# Space Marine Scouts Tactics



## sixpakofdwarves (Feb 23, 2010)

I am new to the game, playing regular old Space Marines. My idea for the scouts are this. 
5 Close Combat Weapons and Bolt Pistols
3 Sniper Rifles
1 Heavy Bolter/Hellfire Rounds
And Sgt Tellion

Combat Squad them into sniper team and assault team.

Infiltrate the Snipers, heavy bolter and Tellion into a good cover spot to fire and pin enemy units.

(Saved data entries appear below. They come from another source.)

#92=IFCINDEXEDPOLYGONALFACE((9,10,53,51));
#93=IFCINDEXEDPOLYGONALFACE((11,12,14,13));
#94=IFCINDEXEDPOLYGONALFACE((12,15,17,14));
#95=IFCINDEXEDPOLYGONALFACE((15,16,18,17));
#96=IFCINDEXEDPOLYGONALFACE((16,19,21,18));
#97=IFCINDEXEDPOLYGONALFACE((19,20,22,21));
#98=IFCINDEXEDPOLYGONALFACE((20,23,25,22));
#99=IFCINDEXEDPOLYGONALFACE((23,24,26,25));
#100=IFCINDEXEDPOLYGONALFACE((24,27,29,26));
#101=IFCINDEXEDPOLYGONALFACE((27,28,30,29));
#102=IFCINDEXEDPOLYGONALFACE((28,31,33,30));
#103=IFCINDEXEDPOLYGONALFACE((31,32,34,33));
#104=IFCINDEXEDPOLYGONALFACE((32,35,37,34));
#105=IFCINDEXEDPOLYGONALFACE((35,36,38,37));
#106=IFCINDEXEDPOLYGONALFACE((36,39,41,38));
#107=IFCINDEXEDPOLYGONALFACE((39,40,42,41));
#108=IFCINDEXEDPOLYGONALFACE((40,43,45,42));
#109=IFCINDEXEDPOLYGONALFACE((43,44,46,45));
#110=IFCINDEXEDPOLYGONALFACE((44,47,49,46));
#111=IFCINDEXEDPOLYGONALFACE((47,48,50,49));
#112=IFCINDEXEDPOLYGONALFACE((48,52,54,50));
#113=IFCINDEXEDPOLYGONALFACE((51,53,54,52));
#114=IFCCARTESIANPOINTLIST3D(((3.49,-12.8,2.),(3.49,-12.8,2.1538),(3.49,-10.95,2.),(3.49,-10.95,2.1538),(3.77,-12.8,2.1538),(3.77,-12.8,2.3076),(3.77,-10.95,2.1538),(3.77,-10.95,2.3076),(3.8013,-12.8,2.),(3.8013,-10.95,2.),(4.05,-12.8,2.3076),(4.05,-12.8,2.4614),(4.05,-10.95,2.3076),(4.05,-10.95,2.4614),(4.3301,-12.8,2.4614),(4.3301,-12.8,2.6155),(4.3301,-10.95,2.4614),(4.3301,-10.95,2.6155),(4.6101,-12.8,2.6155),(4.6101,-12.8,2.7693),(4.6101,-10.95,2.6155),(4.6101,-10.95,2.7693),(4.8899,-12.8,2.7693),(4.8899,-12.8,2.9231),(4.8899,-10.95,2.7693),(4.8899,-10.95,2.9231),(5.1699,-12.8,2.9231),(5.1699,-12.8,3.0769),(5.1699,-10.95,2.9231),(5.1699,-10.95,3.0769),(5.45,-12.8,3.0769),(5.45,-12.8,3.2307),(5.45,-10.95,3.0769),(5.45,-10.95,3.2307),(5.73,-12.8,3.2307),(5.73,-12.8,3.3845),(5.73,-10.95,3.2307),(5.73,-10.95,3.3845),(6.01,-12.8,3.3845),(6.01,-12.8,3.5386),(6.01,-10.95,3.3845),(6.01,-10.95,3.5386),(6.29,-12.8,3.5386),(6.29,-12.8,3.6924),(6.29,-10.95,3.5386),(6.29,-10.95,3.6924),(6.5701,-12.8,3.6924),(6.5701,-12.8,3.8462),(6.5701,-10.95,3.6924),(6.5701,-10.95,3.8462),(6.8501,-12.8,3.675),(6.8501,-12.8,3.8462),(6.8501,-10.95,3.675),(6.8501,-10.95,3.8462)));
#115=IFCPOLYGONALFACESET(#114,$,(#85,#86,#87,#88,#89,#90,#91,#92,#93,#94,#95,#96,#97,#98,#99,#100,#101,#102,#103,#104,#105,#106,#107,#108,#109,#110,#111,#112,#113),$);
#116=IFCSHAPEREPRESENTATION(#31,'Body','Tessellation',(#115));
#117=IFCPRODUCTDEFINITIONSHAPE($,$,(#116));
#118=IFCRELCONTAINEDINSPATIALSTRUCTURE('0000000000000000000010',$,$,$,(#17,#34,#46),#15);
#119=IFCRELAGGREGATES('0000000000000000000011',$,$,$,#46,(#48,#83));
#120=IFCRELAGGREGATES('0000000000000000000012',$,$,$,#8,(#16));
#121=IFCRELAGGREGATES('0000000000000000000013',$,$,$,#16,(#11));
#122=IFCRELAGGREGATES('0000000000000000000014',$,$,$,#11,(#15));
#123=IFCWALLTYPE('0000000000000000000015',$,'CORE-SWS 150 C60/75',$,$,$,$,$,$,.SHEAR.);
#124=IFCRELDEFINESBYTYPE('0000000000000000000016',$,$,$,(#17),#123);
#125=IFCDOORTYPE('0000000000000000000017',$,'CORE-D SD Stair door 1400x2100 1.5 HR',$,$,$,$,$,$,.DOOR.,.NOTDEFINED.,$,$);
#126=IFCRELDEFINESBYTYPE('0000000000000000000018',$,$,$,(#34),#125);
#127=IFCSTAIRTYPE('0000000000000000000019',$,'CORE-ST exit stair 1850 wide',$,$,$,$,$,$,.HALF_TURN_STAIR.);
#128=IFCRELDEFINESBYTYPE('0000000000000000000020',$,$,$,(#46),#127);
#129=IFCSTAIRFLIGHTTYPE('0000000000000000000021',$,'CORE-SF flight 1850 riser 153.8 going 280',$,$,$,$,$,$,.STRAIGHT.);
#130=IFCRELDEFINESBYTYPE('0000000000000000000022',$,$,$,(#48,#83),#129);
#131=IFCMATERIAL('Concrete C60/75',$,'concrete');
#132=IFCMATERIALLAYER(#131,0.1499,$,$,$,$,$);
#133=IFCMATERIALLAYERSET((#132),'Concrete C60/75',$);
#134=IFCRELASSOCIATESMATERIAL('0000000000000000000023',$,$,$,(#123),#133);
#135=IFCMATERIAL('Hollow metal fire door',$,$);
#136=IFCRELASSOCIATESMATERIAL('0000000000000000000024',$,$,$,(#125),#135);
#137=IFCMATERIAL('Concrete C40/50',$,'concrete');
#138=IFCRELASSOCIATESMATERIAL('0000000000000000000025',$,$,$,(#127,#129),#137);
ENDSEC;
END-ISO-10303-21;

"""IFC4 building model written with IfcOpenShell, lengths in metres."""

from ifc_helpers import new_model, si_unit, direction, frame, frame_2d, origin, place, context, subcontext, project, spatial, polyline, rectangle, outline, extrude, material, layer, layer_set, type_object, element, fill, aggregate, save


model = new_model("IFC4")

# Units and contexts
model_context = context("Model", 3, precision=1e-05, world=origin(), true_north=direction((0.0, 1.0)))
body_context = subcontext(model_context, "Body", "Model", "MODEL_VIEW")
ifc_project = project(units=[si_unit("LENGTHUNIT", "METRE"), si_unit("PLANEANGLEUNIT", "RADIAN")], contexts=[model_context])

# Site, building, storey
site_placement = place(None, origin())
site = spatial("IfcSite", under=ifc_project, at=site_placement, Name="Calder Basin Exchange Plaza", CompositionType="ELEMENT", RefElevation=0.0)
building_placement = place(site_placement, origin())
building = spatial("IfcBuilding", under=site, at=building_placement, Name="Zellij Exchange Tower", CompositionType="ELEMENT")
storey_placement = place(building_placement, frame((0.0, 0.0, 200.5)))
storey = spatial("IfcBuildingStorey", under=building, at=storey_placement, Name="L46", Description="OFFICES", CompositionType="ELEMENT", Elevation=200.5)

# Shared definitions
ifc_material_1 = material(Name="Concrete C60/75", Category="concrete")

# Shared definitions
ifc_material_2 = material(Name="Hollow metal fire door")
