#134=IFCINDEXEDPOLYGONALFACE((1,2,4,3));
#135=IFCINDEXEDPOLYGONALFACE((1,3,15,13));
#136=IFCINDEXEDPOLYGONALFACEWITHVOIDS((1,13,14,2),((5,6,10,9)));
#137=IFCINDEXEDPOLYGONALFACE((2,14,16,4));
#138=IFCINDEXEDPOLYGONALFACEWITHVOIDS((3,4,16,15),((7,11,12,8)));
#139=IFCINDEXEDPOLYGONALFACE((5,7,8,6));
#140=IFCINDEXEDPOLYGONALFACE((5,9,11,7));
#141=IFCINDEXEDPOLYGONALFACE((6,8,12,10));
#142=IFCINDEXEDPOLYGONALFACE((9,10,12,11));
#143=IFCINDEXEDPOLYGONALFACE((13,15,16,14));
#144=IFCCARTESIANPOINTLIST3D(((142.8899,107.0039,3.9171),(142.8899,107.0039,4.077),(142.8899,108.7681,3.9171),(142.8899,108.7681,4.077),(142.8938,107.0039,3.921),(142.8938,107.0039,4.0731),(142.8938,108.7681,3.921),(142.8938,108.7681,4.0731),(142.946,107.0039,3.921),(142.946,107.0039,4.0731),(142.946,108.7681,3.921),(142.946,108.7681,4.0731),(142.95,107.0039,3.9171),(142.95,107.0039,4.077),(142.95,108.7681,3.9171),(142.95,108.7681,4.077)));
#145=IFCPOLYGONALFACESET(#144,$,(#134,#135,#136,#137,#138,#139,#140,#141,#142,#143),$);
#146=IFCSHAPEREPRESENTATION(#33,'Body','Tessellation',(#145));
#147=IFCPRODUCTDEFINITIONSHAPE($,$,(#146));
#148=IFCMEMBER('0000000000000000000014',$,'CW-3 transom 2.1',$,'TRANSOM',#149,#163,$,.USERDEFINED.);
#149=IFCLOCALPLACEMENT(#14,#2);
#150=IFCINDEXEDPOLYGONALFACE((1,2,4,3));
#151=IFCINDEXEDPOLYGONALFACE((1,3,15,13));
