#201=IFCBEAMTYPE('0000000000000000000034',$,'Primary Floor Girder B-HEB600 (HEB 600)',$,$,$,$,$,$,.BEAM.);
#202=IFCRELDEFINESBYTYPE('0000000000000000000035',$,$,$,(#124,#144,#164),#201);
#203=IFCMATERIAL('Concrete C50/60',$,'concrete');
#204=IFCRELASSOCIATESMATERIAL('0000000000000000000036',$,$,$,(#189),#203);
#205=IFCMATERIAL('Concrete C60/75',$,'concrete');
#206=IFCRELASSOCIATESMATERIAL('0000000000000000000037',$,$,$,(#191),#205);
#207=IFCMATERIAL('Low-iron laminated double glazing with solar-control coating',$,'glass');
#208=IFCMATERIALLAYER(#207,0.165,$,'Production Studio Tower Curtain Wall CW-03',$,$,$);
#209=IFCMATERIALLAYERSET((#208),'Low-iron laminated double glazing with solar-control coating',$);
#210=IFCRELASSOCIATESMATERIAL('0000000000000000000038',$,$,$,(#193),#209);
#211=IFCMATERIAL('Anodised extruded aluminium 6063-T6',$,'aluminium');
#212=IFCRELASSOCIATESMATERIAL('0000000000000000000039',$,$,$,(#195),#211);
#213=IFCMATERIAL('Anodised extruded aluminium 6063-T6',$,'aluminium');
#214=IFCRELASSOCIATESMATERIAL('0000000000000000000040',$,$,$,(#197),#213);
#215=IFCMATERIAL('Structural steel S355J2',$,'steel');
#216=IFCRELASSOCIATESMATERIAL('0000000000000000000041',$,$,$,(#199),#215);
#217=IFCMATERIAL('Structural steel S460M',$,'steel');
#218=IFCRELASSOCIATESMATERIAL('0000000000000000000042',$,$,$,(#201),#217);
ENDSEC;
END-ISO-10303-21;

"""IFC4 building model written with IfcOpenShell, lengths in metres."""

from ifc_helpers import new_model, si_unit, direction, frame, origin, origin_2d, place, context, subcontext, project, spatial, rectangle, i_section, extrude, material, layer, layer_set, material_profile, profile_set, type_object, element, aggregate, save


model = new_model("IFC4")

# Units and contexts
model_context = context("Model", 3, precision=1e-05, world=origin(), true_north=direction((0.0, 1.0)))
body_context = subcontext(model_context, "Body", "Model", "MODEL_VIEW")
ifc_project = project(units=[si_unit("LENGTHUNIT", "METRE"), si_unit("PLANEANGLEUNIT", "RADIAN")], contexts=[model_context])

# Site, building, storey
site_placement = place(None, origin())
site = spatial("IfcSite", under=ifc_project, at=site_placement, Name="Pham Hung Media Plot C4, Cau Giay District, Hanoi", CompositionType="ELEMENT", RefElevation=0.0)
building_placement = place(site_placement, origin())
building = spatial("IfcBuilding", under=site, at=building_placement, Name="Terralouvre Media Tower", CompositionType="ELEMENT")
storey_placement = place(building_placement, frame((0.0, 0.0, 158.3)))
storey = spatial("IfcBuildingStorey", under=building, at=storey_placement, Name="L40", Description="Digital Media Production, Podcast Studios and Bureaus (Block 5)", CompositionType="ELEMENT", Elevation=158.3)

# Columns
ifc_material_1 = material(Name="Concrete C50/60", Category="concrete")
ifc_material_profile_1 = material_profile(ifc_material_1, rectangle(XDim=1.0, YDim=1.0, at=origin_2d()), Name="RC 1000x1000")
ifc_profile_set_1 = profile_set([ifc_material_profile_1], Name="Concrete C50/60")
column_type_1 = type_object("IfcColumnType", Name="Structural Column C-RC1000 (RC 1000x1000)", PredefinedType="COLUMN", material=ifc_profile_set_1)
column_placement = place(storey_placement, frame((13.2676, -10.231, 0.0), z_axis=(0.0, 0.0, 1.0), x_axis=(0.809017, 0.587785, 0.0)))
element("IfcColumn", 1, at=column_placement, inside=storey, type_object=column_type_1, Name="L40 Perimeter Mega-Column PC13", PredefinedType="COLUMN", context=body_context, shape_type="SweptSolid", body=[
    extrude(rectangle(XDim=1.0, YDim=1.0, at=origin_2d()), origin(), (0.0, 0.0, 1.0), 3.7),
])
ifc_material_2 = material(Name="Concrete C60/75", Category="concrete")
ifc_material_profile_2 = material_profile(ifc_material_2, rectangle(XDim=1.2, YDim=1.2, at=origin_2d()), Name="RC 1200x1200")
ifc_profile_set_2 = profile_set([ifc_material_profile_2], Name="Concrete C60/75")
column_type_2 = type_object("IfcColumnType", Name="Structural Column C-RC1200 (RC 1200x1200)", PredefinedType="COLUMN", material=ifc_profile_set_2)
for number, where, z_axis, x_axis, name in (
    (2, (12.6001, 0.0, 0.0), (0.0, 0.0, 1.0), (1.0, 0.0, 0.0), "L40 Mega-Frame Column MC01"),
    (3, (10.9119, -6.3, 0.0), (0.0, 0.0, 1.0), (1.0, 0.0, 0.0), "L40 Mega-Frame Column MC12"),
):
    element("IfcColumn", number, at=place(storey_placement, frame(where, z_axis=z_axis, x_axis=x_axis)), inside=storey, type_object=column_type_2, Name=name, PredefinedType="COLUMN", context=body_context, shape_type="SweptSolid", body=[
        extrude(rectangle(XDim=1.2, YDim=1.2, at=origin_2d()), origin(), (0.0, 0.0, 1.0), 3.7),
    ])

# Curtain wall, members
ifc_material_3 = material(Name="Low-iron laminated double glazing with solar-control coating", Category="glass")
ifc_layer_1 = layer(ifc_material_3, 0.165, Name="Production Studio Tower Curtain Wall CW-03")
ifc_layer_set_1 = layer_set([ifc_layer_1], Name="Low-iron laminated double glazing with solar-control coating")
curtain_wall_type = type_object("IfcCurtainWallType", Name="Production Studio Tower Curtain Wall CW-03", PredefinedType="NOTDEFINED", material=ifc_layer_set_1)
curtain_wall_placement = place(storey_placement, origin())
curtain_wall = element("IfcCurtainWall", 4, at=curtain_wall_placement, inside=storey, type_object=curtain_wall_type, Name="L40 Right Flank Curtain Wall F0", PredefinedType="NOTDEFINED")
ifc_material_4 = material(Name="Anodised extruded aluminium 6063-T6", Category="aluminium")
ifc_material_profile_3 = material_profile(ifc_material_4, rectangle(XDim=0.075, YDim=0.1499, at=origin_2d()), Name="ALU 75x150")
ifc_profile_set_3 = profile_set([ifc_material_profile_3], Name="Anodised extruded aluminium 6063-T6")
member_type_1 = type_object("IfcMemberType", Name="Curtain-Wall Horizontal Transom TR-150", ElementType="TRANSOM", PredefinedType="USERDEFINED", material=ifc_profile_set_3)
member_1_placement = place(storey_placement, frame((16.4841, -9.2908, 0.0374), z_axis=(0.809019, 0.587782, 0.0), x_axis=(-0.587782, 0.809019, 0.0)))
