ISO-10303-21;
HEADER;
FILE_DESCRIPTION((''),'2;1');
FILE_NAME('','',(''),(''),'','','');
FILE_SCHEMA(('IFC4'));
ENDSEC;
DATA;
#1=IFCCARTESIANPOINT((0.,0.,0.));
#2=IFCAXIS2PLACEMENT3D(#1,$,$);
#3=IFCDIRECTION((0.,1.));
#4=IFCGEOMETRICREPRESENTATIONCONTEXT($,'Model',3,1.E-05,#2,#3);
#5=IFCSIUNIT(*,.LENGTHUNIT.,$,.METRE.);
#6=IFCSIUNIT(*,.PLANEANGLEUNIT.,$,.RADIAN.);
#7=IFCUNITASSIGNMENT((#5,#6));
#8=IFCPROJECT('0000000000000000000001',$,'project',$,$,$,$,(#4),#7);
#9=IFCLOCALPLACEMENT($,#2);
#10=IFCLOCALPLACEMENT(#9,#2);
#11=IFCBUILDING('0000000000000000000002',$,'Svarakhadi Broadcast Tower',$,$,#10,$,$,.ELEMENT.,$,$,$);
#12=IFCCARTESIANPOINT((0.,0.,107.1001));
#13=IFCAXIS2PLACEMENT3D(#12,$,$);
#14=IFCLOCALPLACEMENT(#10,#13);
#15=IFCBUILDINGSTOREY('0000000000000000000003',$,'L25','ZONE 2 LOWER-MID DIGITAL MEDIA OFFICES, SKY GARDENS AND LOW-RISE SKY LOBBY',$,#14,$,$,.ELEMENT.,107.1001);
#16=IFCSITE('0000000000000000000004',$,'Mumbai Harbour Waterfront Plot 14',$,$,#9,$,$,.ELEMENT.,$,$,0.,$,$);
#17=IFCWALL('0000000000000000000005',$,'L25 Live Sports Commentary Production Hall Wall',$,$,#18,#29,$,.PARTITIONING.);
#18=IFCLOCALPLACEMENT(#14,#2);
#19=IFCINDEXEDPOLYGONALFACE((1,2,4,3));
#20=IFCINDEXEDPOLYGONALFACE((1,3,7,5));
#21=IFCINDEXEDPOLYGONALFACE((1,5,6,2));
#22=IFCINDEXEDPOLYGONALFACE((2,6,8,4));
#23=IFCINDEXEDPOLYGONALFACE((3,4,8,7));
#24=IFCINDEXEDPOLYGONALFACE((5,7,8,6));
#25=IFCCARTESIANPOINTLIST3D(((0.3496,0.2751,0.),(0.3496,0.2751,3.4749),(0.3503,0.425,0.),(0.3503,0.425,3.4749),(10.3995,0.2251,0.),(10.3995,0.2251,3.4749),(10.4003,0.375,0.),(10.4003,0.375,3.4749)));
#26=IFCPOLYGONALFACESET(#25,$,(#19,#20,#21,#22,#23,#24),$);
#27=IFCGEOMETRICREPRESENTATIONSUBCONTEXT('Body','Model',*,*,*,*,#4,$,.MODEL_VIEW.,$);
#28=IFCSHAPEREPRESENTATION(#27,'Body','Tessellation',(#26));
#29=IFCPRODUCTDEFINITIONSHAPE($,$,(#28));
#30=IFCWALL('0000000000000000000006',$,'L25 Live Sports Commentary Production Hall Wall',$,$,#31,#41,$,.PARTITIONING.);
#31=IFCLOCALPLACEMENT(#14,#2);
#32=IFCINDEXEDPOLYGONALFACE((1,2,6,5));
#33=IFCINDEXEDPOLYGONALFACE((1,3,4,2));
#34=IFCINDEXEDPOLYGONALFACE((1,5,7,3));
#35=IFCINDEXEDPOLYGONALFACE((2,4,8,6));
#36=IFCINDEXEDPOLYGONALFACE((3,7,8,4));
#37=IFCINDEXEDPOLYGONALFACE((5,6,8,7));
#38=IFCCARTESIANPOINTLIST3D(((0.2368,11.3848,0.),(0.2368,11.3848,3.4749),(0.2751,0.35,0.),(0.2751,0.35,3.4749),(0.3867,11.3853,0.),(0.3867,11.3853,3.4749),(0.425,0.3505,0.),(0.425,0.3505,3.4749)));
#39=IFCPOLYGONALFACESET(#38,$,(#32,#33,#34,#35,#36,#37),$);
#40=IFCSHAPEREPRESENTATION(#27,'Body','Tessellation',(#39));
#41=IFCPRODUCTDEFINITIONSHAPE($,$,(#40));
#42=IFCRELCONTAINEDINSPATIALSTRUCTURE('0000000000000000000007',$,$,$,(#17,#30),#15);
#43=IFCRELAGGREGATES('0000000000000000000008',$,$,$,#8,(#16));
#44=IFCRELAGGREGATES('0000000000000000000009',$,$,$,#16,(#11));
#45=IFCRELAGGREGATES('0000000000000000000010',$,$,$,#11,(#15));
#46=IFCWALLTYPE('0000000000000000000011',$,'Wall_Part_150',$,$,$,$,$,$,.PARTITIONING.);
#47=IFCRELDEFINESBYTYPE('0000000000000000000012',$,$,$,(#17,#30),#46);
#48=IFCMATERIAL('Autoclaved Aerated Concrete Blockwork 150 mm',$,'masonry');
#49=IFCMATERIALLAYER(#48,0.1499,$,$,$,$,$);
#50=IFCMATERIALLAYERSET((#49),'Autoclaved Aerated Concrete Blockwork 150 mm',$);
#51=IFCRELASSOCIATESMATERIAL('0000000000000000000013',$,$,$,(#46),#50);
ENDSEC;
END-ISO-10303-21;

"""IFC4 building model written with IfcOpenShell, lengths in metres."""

from ifc_helpers import new_model, si_unit, direction, frame, frame_2d, origin, place, context, subcontext, project, spatial, rectangle, extrude, material, layer, layer_set, type_object, element, save


model = new_model("IFC4")

# Units and contexts
model_context = context("Model", 3, precision=1e-05, world=origin(), true_north=direction((0.0, 1.0)))
body_context = subcontext(model_context, "Body", "Model", "MODEL_VIEW")
ifc_project = project(units=[si_unit("LENGTHUNIT", "METRE"), si_unit("PLANEANGLEUNIT", "RADIAN")], contexts=[model_context])

# Site, building, storey
site_placement = place(None, origin())
site = spatial("IfcSite", under=ifc_project, at=site_placement, Name="Mumbai Harbour Waterfront Plot 14", CompositionType="ELEMENT", RefElevation=0.0)
building_placement = place(site_placement, origin())
building = spatial("IfcBuilding", under=site, at=building_placement, Name="Svarakhadi Broadcast Tower", CompositionType="ELEMENT")
storey_placement = place(building_placement, frame((0.0, 0.0, 107.1001)))
storey = spatial("IfcBuildingStorey", under=building, at=storey_placement, Name="L25", Description="ZONE 2 LOWER-MID DIGITAL MEDIA OFFICES, SKY GARDENS AND LOW-RISE SKY LOBBY", CompositionType="ELEMENT", Elevation=107.1001)

# Walls
ifc_material_1 = material(Name="Autoclaved Aerated Concrete Blockwork 150 mm", Category="masonry")
ifc_layer_1 = layer(ifc_material_1, 0.1499)
ifc_layer_set_1 = layer_set([ifc_layer_1], Name="Autoclaved Aerated Concrete Blockwork 150 mm")
wall_type = type_object("IfcWallType", Name="Wall_Part_150", PredefinedType="PARTITIONING", material=ifc_layer_set_1)
wall_1_placement = place(storey_placement, frame((0.3501, 0.3501, 0.0), z_axis=(0.0, 0.0, 1.0), x_axis=(0.999988, -0.00498, 0.0)))
element("IfcWall", 1, at=wall_1_placement, inside=storey, type_object=wall_type, Name="L25 Live Sports Commentary Production Hall Wall", PredefinedType="PARTITIONING", context=body_context, shape_type="SweptSolid", body=[
    extrude(rectangle(XDim=10.05, YDim=0.1499, at=frame_2d((5.0249, 0.0))), origin(), (0.0, 0.0, 1.0), 3.4749),
])
wall_2_placement = place(storey_placement, frame((0.3501, 0.3501, 0.0), z_axis=(0.0, 0.0, 1.0), x_axis=(-0.003474, 0.999994, 0.0)))
element("IfcWall", 2, at=wall_2_placement, inside=storey, type_object=wall_type, Name="L25 Live Sports Commentary Production Hall Wall", PredefinedType="PARTITIONING", context=body_context, shape_type="SweptSolid", body=[
    extrude(rectangle(XDim=11.0349, YDim=0.1499, at=frame_2d((5.5176, 0.0))), origin(), (0.0, 0.0, 1.0), 3.4749),
])

save(model, "model.ifc")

Put the CCW Scouts in a Land Speeder Storm to disembark, shoot and assault the pinned enemy units. 

Wash, rinse and repeat...
A worth while plan or this way lies madness?


----------



## Cyklown (Feb 8, 2010)

Well, aside from the whole them not getting the benefit of cover thing, assaulting pinned units is a bit of a waste. I mean, they can't do anything next turn anyways.


----------



## gannam (May 2, 2009)

being new to the game, you should leave the scouts at home period. You will just be feeding kill points to more experienced players. tac squads in rhinos with missile launchers and melta guns are far superior for an inexperienced player.


----------



## Amra_the_lion (May 26, 2008)

assaulting the pinned unit is a bit pointless as it adds no additional benefit. Assault a unit with the scouts in the storm that you believe you have a very good chance of winning. I like to back an assault squad or terminator squad with them. Watch out though they are fragile, but often that -2 mod on the moral test is a real benefit.

As for leaving them at home until you are good at the game, that's not necessary. Use them, learn where they are effective. 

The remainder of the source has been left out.